Non-lineary is everywhere. Faults in a machine are not uniformly distributed but are interdependent on one another leading to a power relation or even an exponential relation. This is the case in virtually every system.
The solution to addressing these problems is to prioritise the order in which problems will be tackled. But what is the best way to do this?
One of the best regarded approaches takes into account the non-linear nature of problems. Vilfredo Pareto observed the same non-linearity in regards to land ownership in his day; 80% of the land was under the control of 20% of the population. In his honour, Joseph Juran (who, at one point, was an Apple consultant) invented the Pareto chart.
A Pareto chart provides a basis by which to address problems by taking into account the severity with which they impact a service. An example is illustrated below.
Imagine that the observable issues fall into nine (9) categories with various frequencies. First, we plot the number of issues in each category in reverse order. In the example above, about 600 of the 1000 observations fall into category D and so on. Next, we calculate the percentage that these numbers represent then plot the cumulative percentage. The last category should constitute only what is required to achieve 100%. Finally, we plot a horizontal line at the 80% mark and designate all those issues below the line as the vital few from which amendment will produce the biggest gains.

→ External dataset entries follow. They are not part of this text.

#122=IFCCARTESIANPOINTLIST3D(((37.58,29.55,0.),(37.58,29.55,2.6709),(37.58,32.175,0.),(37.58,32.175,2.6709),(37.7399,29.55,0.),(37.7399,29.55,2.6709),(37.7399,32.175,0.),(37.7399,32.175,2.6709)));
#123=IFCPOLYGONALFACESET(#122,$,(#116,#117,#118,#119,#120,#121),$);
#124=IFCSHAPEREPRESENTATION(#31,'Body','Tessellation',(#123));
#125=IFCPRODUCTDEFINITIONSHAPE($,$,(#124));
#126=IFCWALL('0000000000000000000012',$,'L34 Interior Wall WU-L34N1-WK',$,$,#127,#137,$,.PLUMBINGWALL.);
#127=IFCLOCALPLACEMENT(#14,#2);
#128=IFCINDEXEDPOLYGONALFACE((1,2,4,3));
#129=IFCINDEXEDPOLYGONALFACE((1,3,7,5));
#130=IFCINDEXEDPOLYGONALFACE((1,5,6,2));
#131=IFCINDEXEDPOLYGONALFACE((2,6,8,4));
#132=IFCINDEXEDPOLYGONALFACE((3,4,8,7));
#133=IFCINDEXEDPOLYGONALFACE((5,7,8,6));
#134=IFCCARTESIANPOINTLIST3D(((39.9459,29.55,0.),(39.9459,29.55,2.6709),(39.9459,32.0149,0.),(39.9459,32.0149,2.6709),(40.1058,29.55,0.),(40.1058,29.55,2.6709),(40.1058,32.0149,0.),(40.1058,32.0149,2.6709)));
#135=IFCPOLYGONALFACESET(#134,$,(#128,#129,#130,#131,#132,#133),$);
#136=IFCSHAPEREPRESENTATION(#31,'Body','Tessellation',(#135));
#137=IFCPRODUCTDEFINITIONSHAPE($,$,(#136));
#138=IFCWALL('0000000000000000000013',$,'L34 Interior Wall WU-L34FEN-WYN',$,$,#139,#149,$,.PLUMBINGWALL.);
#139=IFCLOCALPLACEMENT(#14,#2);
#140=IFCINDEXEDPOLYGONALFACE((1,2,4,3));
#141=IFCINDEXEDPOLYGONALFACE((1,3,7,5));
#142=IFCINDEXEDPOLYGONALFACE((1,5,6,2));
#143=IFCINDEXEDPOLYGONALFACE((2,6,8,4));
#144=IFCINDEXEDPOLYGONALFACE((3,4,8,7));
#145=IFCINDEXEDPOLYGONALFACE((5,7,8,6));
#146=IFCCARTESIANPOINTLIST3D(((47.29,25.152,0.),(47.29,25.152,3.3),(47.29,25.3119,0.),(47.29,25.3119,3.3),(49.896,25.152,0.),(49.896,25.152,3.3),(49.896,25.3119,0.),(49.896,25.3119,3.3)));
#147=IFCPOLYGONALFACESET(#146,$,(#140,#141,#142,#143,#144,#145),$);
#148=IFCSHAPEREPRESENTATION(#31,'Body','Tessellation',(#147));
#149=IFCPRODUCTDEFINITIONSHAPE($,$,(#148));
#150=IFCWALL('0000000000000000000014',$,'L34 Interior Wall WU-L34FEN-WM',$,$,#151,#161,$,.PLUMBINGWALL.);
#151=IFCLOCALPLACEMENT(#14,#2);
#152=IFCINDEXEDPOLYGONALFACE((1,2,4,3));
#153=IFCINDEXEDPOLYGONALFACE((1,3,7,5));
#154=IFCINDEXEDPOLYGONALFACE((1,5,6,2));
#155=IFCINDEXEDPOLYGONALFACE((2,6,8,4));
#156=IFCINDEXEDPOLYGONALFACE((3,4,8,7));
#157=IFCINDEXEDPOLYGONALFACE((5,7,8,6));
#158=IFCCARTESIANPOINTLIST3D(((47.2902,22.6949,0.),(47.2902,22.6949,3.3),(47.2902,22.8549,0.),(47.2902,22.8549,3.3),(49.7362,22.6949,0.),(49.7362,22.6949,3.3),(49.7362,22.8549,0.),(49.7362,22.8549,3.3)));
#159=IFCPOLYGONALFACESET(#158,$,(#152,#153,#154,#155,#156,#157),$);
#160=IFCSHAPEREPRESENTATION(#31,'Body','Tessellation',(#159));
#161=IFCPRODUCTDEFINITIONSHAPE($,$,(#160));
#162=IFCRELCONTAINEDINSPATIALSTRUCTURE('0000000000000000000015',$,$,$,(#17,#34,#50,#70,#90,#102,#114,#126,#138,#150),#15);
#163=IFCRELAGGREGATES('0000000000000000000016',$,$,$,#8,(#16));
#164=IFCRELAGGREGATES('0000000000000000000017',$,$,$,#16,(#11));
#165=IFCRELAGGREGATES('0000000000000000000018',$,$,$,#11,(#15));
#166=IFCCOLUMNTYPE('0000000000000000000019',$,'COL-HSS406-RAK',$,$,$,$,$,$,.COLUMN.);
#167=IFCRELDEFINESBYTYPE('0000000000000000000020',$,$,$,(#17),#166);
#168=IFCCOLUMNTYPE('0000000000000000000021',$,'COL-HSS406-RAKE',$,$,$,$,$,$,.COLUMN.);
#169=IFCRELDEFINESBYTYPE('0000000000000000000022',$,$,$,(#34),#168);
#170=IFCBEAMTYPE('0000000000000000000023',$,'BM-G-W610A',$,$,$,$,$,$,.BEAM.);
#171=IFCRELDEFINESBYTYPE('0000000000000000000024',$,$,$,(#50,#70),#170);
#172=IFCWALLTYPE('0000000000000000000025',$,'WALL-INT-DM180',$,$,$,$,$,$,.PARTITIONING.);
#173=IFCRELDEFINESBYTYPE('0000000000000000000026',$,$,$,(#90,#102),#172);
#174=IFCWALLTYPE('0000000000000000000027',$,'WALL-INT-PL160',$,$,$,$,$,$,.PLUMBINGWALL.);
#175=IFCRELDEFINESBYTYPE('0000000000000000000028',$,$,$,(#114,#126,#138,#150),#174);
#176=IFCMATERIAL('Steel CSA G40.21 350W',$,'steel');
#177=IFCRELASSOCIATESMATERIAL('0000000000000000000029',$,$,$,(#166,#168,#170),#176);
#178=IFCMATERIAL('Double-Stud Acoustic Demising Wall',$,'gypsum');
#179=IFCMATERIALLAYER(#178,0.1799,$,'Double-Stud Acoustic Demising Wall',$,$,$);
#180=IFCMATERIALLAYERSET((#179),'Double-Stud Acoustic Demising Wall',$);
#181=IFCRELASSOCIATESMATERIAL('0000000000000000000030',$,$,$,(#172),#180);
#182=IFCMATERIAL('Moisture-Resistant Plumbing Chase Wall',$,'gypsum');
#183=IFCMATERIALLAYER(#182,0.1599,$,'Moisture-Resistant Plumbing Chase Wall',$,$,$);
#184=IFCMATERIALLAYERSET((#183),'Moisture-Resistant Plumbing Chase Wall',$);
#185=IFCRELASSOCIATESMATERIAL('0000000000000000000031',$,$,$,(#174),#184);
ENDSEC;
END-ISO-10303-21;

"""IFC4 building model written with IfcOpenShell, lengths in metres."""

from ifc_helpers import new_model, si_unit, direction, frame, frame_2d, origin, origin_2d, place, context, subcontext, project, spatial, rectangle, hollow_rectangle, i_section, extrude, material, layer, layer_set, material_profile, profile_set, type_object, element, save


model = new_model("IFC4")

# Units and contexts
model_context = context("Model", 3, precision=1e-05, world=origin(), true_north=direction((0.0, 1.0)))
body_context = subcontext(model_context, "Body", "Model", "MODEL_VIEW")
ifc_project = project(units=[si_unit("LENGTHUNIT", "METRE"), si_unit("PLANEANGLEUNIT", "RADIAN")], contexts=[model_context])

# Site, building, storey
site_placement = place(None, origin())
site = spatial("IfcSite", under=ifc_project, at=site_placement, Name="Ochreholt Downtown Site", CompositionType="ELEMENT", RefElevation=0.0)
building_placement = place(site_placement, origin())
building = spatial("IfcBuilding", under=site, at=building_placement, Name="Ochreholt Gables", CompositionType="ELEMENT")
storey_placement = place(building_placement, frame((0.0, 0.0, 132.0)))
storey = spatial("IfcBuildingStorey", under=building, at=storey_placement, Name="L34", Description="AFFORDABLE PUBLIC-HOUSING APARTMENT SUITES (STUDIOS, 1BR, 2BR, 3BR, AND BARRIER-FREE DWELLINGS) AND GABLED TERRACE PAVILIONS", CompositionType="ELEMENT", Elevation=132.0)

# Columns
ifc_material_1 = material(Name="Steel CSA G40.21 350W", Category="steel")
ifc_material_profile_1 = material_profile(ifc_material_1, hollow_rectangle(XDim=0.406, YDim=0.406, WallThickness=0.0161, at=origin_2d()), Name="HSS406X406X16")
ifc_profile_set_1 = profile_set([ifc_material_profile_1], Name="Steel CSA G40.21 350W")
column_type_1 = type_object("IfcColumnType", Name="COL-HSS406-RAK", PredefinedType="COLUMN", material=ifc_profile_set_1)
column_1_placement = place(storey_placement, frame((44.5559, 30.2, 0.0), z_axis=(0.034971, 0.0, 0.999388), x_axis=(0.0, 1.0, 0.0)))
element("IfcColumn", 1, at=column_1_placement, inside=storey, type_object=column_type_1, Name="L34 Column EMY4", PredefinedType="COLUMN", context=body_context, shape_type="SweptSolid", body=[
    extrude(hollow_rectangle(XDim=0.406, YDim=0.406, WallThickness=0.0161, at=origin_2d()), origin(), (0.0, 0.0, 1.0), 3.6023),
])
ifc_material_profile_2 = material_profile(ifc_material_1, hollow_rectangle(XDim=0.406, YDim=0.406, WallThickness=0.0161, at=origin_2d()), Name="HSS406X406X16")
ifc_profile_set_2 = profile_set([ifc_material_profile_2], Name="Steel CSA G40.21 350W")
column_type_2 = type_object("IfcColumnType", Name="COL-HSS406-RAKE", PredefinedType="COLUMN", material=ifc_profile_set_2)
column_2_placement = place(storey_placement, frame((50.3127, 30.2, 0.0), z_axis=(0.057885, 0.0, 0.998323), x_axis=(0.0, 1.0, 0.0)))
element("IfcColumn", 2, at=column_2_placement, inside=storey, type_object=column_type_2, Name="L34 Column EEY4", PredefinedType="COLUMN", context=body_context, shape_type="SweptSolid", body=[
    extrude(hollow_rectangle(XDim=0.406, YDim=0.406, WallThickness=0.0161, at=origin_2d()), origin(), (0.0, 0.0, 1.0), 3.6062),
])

Once we have resolved D and F conclusively, we can repeat the exercise using a fresh set of observations until we have satisfactorily raised the quality of the process.
You can find a code example at https://github.com/paulkorir/blog-examples/blob/master/pareto_chart.py. The key functions are:
group_data(data)
, which takes a list of observations in the N categories and produces a list
of tuple
s each with a str
and int
. This list is the reverse-sorted category counts e.g. [('C', 70), ('B', 23), ('A', 7)]
pareto_chart(grouped_data)
plots the Pareto chart like the one above.